Publié le 07/05/2007 par Grégory Cavinato et Katia Bayer / Catégorie: Entrevue

Bougon, rock, de mauvaise foi, jaloux pathologique, nerveux, roll : Dominique Pinon, l’éclectique souvent étiqueté « tronche », s’est imposé progressivement à partir des années 80 comme un incontournable second rôle du cinéma français, mais également belge, allemand, américain, espagnol. À son C.V. bien touffu (courts, longs, théâtre, télé), vient s’ajouter une énième ligne : juré du festival du film fantastique.

Cinergie : C’est la première fois que vous venez au BIFFF. Vous connaissiez déjà un peu le travail des autres jurés ?
Dominique Pinon : Pas vraiment, non. Je suis ravi de les découvrir; ils ont l’air d’être très spécialisés dans le milieu. J’avais déjà entendu parler de la plupart d’entre eux, mais je ne suis pas un grand cinéphile. J’aime aller au cinéma de temps en temps, comme tout le monde, mais je ne me souviens pas toujours qui a fait quoi. Je suis assez content de découvrir ce milieu un peu particulier du cinéma fantastique. On m’a gentiment invité, donc c’est assez agréable. Et puis, c’est l’occasion de rencontrer des gens ou d’en recroiser d’autres que je connaissais comme Lloyd Kaufman par exemple.

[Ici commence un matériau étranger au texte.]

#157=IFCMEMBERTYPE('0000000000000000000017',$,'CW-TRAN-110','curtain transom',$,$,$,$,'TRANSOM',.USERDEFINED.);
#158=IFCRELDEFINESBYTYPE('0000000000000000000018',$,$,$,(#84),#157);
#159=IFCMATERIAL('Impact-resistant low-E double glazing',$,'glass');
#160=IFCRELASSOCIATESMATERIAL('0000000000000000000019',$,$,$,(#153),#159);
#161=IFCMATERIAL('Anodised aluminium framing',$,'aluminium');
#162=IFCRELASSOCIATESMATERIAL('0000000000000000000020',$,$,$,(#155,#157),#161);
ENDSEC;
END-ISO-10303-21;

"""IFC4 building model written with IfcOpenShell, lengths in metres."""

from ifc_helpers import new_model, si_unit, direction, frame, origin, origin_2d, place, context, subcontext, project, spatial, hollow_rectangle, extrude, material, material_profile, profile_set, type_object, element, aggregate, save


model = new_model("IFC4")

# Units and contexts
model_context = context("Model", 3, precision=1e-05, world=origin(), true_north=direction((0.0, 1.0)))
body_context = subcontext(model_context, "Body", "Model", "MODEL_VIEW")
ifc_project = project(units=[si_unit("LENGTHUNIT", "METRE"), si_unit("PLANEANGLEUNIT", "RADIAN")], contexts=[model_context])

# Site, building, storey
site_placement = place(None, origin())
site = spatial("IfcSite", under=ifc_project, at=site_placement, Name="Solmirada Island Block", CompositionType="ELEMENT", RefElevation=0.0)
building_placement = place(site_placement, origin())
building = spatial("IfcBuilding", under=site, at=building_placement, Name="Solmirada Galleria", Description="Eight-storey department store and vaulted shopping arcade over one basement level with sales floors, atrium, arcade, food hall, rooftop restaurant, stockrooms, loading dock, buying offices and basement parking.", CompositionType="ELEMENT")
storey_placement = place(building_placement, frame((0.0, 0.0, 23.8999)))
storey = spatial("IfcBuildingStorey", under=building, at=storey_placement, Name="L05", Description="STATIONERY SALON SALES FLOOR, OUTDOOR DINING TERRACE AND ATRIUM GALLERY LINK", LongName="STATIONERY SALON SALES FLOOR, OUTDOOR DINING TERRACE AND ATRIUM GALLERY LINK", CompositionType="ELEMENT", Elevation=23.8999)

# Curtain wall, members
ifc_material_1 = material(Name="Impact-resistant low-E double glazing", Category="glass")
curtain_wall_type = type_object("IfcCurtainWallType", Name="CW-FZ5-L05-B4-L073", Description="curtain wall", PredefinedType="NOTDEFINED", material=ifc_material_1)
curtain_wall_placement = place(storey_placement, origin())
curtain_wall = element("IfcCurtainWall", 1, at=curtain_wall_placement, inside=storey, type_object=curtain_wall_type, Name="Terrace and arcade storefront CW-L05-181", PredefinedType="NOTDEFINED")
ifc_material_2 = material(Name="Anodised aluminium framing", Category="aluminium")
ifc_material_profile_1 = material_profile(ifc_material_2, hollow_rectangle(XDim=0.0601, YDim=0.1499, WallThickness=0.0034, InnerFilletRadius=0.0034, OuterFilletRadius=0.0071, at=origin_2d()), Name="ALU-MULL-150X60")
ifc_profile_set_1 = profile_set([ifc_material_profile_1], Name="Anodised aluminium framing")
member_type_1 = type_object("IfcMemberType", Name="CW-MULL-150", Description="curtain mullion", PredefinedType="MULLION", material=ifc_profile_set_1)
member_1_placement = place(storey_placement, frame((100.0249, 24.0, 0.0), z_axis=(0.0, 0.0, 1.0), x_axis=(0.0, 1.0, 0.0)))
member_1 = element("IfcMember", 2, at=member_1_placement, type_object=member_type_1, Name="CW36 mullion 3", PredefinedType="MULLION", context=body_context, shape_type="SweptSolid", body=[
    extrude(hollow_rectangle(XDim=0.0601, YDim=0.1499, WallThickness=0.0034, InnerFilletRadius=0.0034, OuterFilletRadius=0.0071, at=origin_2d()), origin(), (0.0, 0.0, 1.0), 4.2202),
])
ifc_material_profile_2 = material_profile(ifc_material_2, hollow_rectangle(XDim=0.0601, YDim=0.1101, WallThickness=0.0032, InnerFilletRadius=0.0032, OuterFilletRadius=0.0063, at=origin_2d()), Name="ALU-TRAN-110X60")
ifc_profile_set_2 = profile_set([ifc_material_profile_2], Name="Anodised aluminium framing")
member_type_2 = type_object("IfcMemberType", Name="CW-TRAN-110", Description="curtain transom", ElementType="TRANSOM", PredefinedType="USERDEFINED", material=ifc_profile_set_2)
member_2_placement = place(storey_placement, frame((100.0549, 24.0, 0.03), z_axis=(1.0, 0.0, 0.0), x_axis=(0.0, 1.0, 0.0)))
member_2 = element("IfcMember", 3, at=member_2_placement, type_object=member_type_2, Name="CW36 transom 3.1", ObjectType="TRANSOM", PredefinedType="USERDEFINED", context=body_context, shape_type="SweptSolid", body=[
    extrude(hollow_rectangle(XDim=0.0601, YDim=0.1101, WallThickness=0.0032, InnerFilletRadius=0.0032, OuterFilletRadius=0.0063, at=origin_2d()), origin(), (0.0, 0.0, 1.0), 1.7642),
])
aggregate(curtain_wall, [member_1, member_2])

C : Quels sont vos premiers souvenirs de cinéma ? Ou du fantastique en général ?
D.P. : Je me souviens d’un film avec Charlton Heston sur un radeau, et puis tous les films de Belmondo que j'ai vu quand j’étais ado. La science-fiction pour moi, c’est Alien en 79... Je suis allé le voir quand je suis arrivé à Paris. Un autre grand choc, c’était Eraserhead. En première partie, ils passaient Le Bunker de la Dernière Rafale de Jean-Pierre Jeunet. La salle était remplie de punks : c’était leur grande époque, et le mec à côté de moi avait une espèce de rat ou de mulot sur l’épaule ! Je me suis donc tapé Le Bunker et Eraserhead, tout en faisant gaffe au rat ! Je suis sorti de là à 3h du mat’ et j’étais dans un état épouvantable !
Par contre, je ne lis pas de littérature fantastique. Même Le Seigneur des Anneaux, je n’y suis pas arrivé ! J’accepte facilement le fantastique au cinéma mais en littérature, j’ai beaucoup plus de mal, je ne sais pas pourquoi. Faudrait peut-être que je fasse un effort...

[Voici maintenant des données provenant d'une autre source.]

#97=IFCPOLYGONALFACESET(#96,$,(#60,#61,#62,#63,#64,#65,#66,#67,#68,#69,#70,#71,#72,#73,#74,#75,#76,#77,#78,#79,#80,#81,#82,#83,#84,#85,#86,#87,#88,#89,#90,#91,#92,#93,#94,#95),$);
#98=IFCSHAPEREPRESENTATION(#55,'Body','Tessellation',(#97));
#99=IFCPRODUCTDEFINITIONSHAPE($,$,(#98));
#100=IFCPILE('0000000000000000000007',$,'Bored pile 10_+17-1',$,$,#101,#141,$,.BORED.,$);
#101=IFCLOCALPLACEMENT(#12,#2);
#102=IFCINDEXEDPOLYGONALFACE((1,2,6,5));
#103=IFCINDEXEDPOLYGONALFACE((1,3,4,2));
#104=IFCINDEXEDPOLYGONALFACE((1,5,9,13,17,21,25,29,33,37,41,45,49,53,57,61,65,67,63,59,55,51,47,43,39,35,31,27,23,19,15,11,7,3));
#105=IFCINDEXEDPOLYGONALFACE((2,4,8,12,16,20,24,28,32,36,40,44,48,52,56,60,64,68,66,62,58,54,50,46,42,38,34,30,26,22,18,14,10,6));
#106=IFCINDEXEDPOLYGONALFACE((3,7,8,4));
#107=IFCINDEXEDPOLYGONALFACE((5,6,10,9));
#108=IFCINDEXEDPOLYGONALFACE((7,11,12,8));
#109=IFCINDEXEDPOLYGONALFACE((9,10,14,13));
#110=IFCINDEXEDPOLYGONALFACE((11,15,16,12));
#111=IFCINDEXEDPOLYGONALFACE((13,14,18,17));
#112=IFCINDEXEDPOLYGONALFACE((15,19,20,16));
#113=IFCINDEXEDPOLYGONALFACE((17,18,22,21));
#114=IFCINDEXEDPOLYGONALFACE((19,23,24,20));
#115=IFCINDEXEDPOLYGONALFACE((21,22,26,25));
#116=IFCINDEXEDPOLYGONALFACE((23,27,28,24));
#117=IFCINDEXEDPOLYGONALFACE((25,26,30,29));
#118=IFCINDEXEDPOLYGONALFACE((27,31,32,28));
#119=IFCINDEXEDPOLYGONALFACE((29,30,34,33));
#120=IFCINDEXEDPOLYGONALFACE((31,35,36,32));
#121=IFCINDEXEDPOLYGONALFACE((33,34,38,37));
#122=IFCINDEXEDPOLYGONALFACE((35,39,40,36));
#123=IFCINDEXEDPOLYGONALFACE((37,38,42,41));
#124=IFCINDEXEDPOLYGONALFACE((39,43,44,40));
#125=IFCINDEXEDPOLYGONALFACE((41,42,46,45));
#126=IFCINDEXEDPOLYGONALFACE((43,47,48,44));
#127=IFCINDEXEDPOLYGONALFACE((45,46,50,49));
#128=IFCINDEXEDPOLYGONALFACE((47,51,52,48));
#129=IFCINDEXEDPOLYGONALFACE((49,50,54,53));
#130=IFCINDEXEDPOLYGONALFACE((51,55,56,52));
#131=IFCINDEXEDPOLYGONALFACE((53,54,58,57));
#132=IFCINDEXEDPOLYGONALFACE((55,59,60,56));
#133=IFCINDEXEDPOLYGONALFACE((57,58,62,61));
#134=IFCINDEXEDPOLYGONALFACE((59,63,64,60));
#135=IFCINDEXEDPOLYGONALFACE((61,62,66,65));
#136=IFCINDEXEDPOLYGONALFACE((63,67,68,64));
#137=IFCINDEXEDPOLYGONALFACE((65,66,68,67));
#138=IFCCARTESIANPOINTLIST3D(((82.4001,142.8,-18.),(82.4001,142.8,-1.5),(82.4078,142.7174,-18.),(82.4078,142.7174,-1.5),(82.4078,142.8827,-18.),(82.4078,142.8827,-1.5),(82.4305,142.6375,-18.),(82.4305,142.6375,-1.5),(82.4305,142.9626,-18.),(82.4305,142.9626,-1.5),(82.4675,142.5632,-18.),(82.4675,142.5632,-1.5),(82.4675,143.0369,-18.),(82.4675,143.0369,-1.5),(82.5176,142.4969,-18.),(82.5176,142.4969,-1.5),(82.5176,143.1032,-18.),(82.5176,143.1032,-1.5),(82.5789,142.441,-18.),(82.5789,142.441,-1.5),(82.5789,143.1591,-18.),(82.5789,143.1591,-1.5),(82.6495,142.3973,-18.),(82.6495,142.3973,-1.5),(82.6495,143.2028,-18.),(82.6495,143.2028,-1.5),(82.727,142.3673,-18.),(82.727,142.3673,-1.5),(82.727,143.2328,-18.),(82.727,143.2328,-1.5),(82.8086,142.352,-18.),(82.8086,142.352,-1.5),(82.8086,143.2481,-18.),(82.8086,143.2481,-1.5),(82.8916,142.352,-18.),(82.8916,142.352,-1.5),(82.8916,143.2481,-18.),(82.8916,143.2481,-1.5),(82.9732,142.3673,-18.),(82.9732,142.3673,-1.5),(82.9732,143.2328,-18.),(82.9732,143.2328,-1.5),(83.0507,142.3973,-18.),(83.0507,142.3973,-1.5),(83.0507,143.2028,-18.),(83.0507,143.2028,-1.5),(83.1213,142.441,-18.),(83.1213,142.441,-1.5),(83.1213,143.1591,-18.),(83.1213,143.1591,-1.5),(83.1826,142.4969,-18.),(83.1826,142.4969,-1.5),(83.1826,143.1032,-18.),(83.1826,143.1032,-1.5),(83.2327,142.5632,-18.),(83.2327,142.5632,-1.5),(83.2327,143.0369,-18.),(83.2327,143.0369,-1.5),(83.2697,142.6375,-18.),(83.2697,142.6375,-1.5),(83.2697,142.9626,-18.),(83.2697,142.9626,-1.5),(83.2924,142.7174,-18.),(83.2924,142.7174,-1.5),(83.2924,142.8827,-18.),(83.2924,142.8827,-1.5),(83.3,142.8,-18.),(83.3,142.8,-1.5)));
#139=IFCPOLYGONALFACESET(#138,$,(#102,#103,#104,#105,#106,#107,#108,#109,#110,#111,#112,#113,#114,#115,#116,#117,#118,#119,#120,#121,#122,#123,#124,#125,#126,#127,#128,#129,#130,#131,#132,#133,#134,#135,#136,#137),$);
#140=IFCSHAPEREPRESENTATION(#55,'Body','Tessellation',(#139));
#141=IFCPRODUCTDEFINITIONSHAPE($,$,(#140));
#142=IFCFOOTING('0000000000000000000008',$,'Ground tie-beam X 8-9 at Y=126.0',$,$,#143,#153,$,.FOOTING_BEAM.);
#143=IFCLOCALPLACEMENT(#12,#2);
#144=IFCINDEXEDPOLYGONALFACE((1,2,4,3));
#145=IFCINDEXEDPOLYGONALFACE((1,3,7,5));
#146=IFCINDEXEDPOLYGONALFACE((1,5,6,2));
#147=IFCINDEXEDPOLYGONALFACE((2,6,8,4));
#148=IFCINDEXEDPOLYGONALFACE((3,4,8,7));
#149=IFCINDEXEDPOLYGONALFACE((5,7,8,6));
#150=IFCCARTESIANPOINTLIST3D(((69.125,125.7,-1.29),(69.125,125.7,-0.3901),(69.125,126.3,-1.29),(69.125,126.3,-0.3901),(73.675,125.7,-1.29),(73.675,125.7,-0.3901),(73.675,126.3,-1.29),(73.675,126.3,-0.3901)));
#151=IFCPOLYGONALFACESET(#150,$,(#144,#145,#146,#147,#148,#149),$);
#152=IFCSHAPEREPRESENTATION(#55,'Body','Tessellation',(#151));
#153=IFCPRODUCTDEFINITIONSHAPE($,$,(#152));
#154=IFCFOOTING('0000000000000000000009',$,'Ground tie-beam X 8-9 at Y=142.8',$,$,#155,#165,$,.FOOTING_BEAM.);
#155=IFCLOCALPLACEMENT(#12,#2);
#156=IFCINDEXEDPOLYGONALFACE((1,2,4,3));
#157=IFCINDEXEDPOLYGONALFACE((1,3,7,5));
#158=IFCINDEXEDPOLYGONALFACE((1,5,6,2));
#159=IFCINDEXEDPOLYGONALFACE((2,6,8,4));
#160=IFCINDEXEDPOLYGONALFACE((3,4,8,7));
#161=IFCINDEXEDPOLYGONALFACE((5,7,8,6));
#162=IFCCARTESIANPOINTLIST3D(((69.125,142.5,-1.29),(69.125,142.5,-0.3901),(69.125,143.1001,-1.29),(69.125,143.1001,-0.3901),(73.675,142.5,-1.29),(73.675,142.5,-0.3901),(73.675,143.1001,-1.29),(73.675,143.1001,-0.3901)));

C : Pourquoi, d’après vous, autant de réalisateurs de films fantastiques font appel à vous ? Notamment des réalisateurs de court métrage.
D.P. : Pour moi, l’intérêt ce n’est pas forcément le fantastique, c’est surtout les rencontres qui se font. Alors, parois, vous dites oui, d’autres fois, vous dites non. Moi, j’ai fait beaucoup de courts, c’est vrai, dans les périodes où je suis libre, si l’histoire me plaît, … : il y a beaucoup de raisons pour lesquelles vous acceptez de faire les choses.

C : Une de ces raisons serait d’aider de jeunes réalisateurs à démarrer ?
D.P. : Oui, tout à fait !

C : Vous avez démarré notamment dans les courts de Jean-Pierre Jeunet et Marc Caro que vous avez suivis par la suite dans leurs longs métrages...
D.P. : Oui, il y a longtemps déjà... Avec Jeunet, nous débarquions tous les deux à Paris au début des années 80, et il a voulu me rencontrer parce qu’il m’avait vu dans Diva de Jean-Jacques Beineix, mon premier long métrage. Il voulait faire un truc avec moi mais on a attendu 10 ans avant de travailler ensemble, d’abord avec le court métrage Foutaises puis avec Delicatessen.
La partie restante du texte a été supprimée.